Xinmeng Guo

and 5 more

Background: Cervical cancer is among the most common gynecological cancers. However, the procedure of radical hysterectomy remains controversial. Objectives: This systematic review and network meta-analysis (registered in PROSPERO: CRD42021231700) aimed to evaluate the efficacy and safety of five approaches to cervical cancer surgery. Search Strategy: We searched PubMed, MEDLINE, Embase, the Cochrane Library, and Web of Science database. Selection Criteria: We select high-quality, non-randomized studies for comparisons of clinical outcomes of adult cervical cancer patients treated with radical hysterectomy including at least one estimate of rate of recurrence, and overall (OS) or progression-free (PFS) survival. Data collection and analysis: We extracted the relevant data and conducted a network meta-analysis to compare clinical outcomes, specifically, operation time (OT), intraoperative estimated blood loss (EBL), length of hospital stay (LOS), number of resected lymph nodes (RLNs), rate of complications, and the rate of recurrence, OS, and PFS among included patients.
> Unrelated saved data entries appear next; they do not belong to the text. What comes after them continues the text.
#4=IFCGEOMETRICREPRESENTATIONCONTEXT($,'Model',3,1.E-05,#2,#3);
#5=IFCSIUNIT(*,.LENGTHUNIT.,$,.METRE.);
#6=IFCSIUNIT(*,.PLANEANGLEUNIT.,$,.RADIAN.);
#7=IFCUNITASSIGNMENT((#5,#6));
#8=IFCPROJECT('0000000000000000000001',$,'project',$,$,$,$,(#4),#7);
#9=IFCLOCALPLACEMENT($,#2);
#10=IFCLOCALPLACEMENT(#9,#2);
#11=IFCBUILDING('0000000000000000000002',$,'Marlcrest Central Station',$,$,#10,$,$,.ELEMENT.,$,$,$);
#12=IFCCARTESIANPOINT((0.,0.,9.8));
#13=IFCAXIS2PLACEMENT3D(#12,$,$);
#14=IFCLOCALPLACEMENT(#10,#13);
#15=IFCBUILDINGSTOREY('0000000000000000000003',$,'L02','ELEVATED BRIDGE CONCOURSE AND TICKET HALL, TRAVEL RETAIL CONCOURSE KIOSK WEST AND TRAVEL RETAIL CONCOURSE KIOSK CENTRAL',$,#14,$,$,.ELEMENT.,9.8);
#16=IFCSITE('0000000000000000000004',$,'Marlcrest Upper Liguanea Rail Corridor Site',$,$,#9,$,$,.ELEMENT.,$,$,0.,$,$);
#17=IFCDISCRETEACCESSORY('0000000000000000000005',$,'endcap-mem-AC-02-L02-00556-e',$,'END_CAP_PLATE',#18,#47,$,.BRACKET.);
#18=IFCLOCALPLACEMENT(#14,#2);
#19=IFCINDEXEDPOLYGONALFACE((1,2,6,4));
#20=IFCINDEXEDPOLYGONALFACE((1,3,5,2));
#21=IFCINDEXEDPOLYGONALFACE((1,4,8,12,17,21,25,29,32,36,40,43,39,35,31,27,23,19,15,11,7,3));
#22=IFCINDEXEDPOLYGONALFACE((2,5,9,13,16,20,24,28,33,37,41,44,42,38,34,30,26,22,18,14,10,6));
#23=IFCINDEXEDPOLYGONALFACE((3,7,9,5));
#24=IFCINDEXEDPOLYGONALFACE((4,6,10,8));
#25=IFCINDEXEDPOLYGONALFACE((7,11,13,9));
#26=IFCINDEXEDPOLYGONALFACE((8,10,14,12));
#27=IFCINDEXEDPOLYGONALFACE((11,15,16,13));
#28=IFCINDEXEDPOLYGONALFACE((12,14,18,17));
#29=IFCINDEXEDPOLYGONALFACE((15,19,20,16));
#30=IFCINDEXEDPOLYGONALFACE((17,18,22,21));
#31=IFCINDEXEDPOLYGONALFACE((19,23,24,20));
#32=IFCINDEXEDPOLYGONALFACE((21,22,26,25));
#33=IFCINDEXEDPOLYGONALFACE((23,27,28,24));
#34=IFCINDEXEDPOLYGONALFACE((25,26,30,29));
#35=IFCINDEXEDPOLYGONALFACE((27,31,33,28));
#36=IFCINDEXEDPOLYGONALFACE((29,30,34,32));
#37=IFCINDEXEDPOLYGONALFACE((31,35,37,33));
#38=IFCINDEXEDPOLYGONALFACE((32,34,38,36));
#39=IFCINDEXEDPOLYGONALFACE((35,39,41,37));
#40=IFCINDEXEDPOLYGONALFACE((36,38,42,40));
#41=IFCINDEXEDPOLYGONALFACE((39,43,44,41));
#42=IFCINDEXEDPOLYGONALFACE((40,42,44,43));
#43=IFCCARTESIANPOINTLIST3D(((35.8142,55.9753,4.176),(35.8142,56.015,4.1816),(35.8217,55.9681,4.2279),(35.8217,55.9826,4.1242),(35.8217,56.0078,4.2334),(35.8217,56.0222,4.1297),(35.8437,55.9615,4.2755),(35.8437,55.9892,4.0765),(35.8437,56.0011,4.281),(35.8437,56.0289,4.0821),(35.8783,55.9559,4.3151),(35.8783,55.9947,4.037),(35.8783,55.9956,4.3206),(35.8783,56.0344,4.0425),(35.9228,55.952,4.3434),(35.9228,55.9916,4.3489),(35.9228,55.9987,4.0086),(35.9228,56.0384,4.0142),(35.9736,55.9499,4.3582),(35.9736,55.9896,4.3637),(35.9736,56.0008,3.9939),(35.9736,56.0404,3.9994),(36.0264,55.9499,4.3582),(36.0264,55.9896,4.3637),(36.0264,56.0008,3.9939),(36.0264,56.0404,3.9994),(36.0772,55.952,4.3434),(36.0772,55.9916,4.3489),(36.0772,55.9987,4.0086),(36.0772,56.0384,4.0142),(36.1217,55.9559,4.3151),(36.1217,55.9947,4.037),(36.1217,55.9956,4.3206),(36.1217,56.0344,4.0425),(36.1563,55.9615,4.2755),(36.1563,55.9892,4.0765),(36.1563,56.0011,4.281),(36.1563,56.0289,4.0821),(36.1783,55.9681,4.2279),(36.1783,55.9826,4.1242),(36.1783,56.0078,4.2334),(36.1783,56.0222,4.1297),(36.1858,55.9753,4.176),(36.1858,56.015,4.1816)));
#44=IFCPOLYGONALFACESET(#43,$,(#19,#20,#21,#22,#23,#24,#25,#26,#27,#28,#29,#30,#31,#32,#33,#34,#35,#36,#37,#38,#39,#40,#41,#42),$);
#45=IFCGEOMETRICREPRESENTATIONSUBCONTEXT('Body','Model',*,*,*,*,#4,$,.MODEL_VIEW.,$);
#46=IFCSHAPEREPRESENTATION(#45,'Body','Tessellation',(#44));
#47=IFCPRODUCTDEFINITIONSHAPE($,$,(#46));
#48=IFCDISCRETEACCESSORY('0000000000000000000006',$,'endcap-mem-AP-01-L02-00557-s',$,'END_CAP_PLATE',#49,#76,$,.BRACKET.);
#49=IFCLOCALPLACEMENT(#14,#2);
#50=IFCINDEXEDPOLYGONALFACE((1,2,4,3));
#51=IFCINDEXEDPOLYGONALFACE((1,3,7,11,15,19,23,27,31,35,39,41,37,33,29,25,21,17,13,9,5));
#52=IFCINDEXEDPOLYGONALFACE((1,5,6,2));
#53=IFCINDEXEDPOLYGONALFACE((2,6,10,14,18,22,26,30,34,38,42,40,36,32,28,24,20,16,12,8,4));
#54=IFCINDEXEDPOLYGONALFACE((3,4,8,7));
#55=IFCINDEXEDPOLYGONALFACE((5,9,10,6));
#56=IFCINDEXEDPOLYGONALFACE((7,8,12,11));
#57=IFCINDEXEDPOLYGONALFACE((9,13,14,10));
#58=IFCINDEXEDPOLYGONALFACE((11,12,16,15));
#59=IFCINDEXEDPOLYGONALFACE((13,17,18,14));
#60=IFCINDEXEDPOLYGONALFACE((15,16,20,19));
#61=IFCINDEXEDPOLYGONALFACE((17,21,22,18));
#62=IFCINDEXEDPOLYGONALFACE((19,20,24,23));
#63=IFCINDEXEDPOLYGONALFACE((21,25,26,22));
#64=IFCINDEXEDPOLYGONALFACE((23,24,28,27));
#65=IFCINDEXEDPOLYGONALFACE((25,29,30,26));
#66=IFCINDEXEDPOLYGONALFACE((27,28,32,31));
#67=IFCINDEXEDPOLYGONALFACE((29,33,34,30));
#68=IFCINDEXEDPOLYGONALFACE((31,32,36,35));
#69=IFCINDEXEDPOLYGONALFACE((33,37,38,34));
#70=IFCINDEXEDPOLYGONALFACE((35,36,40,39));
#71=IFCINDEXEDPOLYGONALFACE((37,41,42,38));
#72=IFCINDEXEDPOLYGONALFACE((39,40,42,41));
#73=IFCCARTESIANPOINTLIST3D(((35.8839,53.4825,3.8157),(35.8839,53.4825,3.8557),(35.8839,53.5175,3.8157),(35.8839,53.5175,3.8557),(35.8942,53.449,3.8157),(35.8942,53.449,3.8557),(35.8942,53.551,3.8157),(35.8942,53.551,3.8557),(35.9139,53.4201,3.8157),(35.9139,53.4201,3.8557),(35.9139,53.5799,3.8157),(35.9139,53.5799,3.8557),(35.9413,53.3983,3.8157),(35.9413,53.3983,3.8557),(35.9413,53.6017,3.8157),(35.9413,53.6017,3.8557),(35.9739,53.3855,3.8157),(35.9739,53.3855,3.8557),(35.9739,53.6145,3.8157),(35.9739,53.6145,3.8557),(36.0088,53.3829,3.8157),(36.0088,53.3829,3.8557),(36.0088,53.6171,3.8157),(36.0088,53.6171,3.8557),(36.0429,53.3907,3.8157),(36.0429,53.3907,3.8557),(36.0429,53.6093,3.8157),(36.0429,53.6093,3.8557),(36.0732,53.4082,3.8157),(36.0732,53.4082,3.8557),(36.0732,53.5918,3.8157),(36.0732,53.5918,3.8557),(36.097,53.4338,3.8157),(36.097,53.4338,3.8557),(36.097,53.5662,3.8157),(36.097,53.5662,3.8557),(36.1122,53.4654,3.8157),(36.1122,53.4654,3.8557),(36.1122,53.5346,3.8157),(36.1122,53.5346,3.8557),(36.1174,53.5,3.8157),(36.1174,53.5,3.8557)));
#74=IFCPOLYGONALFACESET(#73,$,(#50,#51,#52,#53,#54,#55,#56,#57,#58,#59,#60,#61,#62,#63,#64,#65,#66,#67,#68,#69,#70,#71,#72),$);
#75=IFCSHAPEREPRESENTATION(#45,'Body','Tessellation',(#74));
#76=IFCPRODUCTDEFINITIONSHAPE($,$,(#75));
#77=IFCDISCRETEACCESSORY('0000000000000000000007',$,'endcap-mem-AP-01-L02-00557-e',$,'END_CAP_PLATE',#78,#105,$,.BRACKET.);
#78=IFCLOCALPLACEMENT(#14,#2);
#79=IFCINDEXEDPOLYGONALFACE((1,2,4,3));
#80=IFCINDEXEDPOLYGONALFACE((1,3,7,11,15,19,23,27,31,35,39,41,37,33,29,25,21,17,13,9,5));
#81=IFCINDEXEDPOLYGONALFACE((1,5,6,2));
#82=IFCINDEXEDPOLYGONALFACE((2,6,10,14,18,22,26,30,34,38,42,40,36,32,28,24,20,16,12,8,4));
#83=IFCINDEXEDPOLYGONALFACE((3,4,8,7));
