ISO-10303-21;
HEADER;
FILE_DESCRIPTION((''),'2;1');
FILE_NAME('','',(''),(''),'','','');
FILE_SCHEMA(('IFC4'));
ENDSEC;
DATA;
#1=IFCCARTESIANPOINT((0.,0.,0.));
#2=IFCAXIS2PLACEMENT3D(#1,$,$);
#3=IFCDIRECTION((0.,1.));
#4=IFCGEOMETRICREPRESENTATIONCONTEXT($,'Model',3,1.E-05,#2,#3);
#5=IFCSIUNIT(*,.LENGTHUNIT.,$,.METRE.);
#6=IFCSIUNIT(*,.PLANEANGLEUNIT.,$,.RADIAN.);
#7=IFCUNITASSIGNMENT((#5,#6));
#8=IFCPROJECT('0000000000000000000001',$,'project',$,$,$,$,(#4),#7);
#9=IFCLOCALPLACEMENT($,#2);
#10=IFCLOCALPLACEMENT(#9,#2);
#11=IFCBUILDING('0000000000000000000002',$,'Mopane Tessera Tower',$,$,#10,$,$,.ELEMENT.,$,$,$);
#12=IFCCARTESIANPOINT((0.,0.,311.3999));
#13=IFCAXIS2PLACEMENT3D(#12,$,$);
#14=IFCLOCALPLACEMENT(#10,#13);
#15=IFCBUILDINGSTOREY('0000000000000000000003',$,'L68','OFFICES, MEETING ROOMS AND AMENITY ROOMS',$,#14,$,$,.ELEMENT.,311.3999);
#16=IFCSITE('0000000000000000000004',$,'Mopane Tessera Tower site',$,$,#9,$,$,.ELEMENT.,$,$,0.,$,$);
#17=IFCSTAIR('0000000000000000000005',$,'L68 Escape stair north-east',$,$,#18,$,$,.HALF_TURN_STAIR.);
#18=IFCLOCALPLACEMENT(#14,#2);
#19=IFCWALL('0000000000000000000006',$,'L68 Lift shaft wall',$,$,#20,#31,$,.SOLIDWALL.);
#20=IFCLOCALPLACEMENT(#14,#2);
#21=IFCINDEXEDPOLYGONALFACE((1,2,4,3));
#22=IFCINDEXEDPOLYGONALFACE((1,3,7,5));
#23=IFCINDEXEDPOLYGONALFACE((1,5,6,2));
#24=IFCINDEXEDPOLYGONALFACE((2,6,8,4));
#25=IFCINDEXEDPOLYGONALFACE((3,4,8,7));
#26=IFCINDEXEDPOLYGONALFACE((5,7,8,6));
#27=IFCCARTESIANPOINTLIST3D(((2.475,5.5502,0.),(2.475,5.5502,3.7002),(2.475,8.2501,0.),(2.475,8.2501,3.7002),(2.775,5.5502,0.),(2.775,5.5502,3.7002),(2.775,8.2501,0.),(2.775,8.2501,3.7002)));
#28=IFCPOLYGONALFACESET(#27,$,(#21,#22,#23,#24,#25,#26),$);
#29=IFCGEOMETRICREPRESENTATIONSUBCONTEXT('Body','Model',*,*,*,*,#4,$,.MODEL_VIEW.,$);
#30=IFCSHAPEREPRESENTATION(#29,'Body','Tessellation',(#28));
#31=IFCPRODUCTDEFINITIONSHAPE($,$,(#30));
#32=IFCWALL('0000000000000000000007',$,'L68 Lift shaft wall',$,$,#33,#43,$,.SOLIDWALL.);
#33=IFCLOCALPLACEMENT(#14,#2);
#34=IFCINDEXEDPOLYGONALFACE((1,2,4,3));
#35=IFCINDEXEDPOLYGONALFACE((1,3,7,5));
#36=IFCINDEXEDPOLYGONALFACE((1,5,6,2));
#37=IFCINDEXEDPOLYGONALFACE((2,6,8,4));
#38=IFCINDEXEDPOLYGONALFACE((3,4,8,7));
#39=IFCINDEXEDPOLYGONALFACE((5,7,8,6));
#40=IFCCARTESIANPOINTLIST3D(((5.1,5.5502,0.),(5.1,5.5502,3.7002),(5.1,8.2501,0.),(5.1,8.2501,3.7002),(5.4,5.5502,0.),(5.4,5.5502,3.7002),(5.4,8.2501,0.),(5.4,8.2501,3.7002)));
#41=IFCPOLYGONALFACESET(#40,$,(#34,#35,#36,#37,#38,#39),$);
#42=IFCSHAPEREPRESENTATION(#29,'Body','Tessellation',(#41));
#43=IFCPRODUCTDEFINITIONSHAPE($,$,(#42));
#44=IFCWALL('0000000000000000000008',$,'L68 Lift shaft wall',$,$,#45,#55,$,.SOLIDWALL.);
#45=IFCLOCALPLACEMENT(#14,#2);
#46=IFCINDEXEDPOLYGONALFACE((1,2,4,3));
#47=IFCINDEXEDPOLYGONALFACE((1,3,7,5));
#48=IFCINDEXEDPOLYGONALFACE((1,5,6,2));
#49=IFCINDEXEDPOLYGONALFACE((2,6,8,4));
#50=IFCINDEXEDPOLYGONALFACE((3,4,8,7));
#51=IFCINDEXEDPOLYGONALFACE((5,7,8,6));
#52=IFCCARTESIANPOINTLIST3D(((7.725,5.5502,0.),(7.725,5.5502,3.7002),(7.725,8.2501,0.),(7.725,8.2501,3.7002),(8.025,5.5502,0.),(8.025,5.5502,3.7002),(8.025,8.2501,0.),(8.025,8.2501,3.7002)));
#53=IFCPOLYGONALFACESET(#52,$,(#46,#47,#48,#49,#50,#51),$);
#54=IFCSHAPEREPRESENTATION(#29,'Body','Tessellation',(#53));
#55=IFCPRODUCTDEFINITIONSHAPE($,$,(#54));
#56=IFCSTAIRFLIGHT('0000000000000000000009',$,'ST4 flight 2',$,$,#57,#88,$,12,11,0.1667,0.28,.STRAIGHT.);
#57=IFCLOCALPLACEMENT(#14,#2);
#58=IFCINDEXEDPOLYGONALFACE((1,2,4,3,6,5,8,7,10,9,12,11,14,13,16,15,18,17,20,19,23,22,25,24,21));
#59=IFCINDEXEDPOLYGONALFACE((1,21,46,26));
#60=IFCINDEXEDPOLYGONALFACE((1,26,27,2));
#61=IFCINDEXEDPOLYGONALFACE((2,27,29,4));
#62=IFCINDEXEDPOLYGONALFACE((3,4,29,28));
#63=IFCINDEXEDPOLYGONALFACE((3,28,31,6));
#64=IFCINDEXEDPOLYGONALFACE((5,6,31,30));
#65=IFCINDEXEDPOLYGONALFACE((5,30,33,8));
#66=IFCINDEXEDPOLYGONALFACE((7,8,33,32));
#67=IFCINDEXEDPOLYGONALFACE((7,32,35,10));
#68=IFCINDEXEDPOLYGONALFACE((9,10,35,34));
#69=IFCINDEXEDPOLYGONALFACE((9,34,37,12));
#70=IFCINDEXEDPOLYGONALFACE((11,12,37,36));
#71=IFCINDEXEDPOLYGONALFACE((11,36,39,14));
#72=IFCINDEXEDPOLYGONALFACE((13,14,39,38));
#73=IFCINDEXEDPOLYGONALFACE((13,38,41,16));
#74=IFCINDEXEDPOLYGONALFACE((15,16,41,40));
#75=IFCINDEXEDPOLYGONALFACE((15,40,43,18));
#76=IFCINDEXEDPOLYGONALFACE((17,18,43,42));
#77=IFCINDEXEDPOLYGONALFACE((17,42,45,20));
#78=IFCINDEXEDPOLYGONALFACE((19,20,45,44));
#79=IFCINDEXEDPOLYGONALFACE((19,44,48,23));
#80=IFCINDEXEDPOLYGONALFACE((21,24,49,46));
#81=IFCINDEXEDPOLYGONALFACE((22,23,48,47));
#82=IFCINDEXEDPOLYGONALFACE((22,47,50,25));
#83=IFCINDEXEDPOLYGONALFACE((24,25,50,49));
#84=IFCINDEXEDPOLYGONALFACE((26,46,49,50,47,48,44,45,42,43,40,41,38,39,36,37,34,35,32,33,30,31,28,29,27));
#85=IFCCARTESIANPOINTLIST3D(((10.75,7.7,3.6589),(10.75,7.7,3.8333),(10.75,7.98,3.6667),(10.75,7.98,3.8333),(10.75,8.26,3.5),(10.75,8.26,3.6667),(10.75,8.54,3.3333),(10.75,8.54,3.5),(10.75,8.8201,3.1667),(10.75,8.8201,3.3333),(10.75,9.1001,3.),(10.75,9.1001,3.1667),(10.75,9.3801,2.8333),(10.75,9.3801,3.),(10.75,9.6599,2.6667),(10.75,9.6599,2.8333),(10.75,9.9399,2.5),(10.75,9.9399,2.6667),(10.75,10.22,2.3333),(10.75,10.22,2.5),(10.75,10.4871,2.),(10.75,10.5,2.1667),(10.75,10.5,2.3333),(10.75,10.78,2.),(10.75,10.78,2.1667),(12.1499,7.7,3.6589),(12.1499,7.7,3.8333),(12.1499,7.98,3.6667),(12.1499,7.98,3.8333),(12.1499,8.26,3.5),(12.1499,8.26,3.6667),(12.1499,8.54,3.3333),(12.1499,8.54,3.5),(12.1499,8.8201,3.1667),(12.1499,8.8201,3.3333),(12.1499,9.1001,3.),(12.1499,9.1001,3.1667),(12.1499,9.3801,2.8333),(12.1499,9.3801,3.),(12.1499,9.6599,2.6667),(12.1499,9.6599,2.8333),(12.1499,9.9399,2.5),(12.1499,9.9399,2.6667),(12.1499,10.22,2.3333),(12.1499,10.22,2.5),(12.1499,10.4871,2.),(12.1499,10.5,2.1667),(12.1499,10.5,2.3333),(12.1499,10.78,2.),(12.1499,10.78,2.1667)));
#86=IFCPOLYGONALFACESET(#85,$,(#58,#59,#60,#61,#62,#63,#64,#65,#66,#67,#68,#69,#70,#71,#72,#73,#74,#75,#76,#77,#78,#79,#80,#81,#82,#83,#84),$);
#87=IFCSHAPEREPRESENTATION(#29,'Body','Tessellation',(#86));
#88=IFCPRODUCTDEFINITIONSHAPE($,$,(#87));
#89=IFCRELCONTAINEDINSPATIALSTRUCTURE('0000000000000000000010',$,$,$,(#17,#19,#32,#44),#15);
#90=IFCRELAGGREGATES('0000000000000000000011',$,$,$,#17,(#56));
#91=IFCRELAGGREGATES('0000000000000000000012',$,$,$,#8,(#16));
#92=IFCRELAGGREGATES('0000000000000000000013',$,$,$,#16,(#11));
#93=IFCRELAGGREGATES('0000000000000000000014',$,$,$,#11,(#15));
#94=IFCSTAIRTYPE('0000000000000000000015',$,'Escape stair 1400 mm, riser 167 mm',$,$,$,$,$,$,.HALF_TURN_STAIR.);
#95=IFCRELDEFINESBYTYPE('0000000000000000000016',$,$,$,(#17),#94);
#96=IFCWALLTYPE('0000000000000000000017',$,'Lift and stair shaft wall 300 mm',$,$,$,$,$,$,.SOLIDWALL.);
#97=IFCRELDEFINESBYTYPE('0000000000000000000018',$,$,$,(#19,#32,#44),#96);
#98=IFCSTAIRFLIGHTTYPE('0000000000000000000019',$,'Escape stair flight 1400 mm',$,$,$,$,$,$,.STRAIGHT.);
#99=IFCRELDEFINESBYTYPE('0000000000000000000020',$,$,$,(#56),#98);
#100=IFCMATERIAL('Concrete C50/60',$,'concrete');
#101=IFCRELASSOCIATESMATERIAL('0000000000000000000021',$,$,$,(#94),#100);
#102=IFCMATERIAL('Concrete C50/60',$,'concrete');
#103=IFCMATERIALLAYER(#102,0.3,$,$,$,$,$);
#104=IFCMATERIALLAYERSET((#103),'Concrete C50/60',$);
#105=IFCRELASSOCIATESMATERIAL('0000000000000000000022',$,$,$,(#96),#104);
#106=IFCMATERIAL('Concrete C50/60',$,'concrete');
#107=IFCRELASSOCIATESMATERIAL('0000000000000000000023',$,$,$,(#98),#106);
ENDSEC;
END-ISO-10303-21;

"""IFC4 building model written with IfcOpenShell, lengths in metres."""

from ifc_helpers import new_model, si_unit, direction, frame, frame_2d, origin, place, context, subcontext, project, spatial, polyline, rectangle, outline, extrude, material, layer, layer_set, type_object, element, aggregate, save


model = new_model("IFC4")

# Units and contexts
model_context = context("Model", 3, precision=1e-05, world=origin(), true_north=direction((0.0, 1.0)))
body_context = subcontext(model_context, "Body", "Model", "MODEL_VIEW")
ifc_project = project(units=[si_unit("LENGTHUNIT", "METRE"), si_unit("PLANEANGLEUNIT", "RADIAN")], contexts=[model_context])

# Site, building, storey
site_placement = place(None, origin())
site = spatial("IfcSite", under=ifc_project, at=site_placement, Name="Mopane Tessera Tower site", CompositionType="ELEMENT", RefElevation=0.0)
building_placement = place(site_placement, origin())
building = spatial("IfcBuilding", under=site, at=building_placement, Name="Mopane Tessera Tower", CompositionType="ELEMENT")
storey_placement = place(building_placement, frame((0.0, 0.0, 311.3999)))
storey = spatial("IfcBuildingStorey", under=building, at=storey_placement, Name="L68", Description="OFFICES, MEETING ROOMS AND AMENITY ROOMS", CompositionType="ELEMENT", Elevation=311.3999)

# Stair
ifc_material_1 = material(Name="Concrete C50/60", Category="concrete")
stair_type = type_object("IfcStairType", Name="Escape stair 1400 mm, riser 167 mm", PredefinedType="HALF_TURN_STAIR", material=ifc_material_1)
stair_1_placement = place(storey_placement, origin())
stair_1 = element("IfcStair", 1, at=stair_1_placement, inside=storey, type_object=stair_type, Name="L68 Escape stair north-east", PredefinedType="HALF_TURN_STAIR")

# Shared definitions
ifc_material_2 = material(Name="Concrete C50/60", Category="concrete")
ifc_layer_1 = layer(ifc_material_2, 0.3)
ifc_layer_set_1 = layer_set([ifc_layer_1], Name="Concrete C50/60")
wall_type_1 = type_object("IfcWallType", Name="Lift and stair shaft wall 300 mm", PredefinedType="SOLIDWALL", material=ifc_layer_set_1)

# Walls
for number, where, z_axis, x_axis, name in (
    (2, (2.625, 5.55, 0.0), (0.0, 0.0, 1.0), (0.0, 1.0, 0.0), "L68 Lift shaft wall"),
    (3, (5.25, 5.55, 0.0), (0.0, 0.0, 1.0), (0.0, 1.0, 0.0), "L68 Lift shaft wall"),
    (4, (7.875, 5.55, 0.0), (0.0, 0.0, 1.0), (0.0, 1.0, 0.0), "L68 Lift shaft wall"),
):
    element("IfcWall", number, at=place(storey_placement, frame(where, z_axis=z_axis, x_axis=x_axis)), inside=storey, type_object=wall_type_1, Name=name, PredefinedType="SOLIDWALL", context=body_context, shape_type="SweptSolid", body=[
        extrude(rectangle(XDim=2.7, YDim=0.3, at=frame_2d((1.3501, 0.0))), origin(), (0.0, 0.0, 1.0), 3.7002),
    ])

# Stair flight
ifc_material_3 = material(Name="Concrete C50/60", Category="concrete")
stair_flight_type = type_object("IfcStairFlightType", Name="Escape stair flight 1400 mm", PredefinedType="STRAIGHT", material=ifc_material_3)
stair_flight_placement = place(storey_placement, frame((11.45, 10.78, 2.0), z_axis=(0.0, 0.0, 1.0), x_axis=(0.0, -1.0, 0.0)))
stair_flight = element("IfcStairFlight", 5, at=stair_flight_placement, type_object=stair_flight_type, Name="ST4 flight 2", NumberOfRisers=12, NumberOfTreads=11, PredefinedType="STRAIGHT", RiserHeight=0.1667, TreadLength=0.28, context=body_context, shape_type="SweptSolid", body=[
    extrude(outline(polyline([(0.0, 0.0), (0.0, 0.1667), (0.28, 0.1667), (0.28, 0.3333), (0.5601, 0.3333), (0.5601, 0.5), (0.8401, 0.5), (0.8401, 0.6667), (1.1201, 0.6667), (1.1201, 0.8333), (1.3999, 0.8333), (1.3999, 1.0), (1.6799, 1.0), (1.6799, 1.1667), (1.96, 1.1667), (1.96, 1.3333), (2.24, 1.3333), (2.24, 1.5), (2.52, 1.5), (2.52, 1.6667), (2.8, 1.6667), (2.8, 1.8333), (3.0801, 1.8333), (3.0801, 2.0), (3.0801, 1.6589), (0.293, 0.0), (0.0, 0.0)])), frame((0.0, 0.7, 0.0), z_axis=(0.0, -1.0, 0.0), x_axis=(1.0, 0.0, 0.0)), (0.0, 0.0, 1.0), 1.3999),
])
aggregate(stair_1, [stair_flight])

save(model, "model.ifc")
Main Results: RRH was associated with the lowest EBL volume and LOS, ORH was associated with the shortest OT. VALRH was associated with the greatest number of RLNs and lowest rate of perioperative complications. VALRH was associated with the highest OS and lowest tumor recurrence rates, while LRH was associated with the highest PFS rate. OS, PFS, and tumor recurrence rates did not differ significantly among five surgical approaches. Conclusion: In summary, current evidence appears to demonstrate the presented approaches to cervical cancer surgery have a comparable efficacy, while MIS is associated with improved rates of surgical complications, and a shorter hospital stay.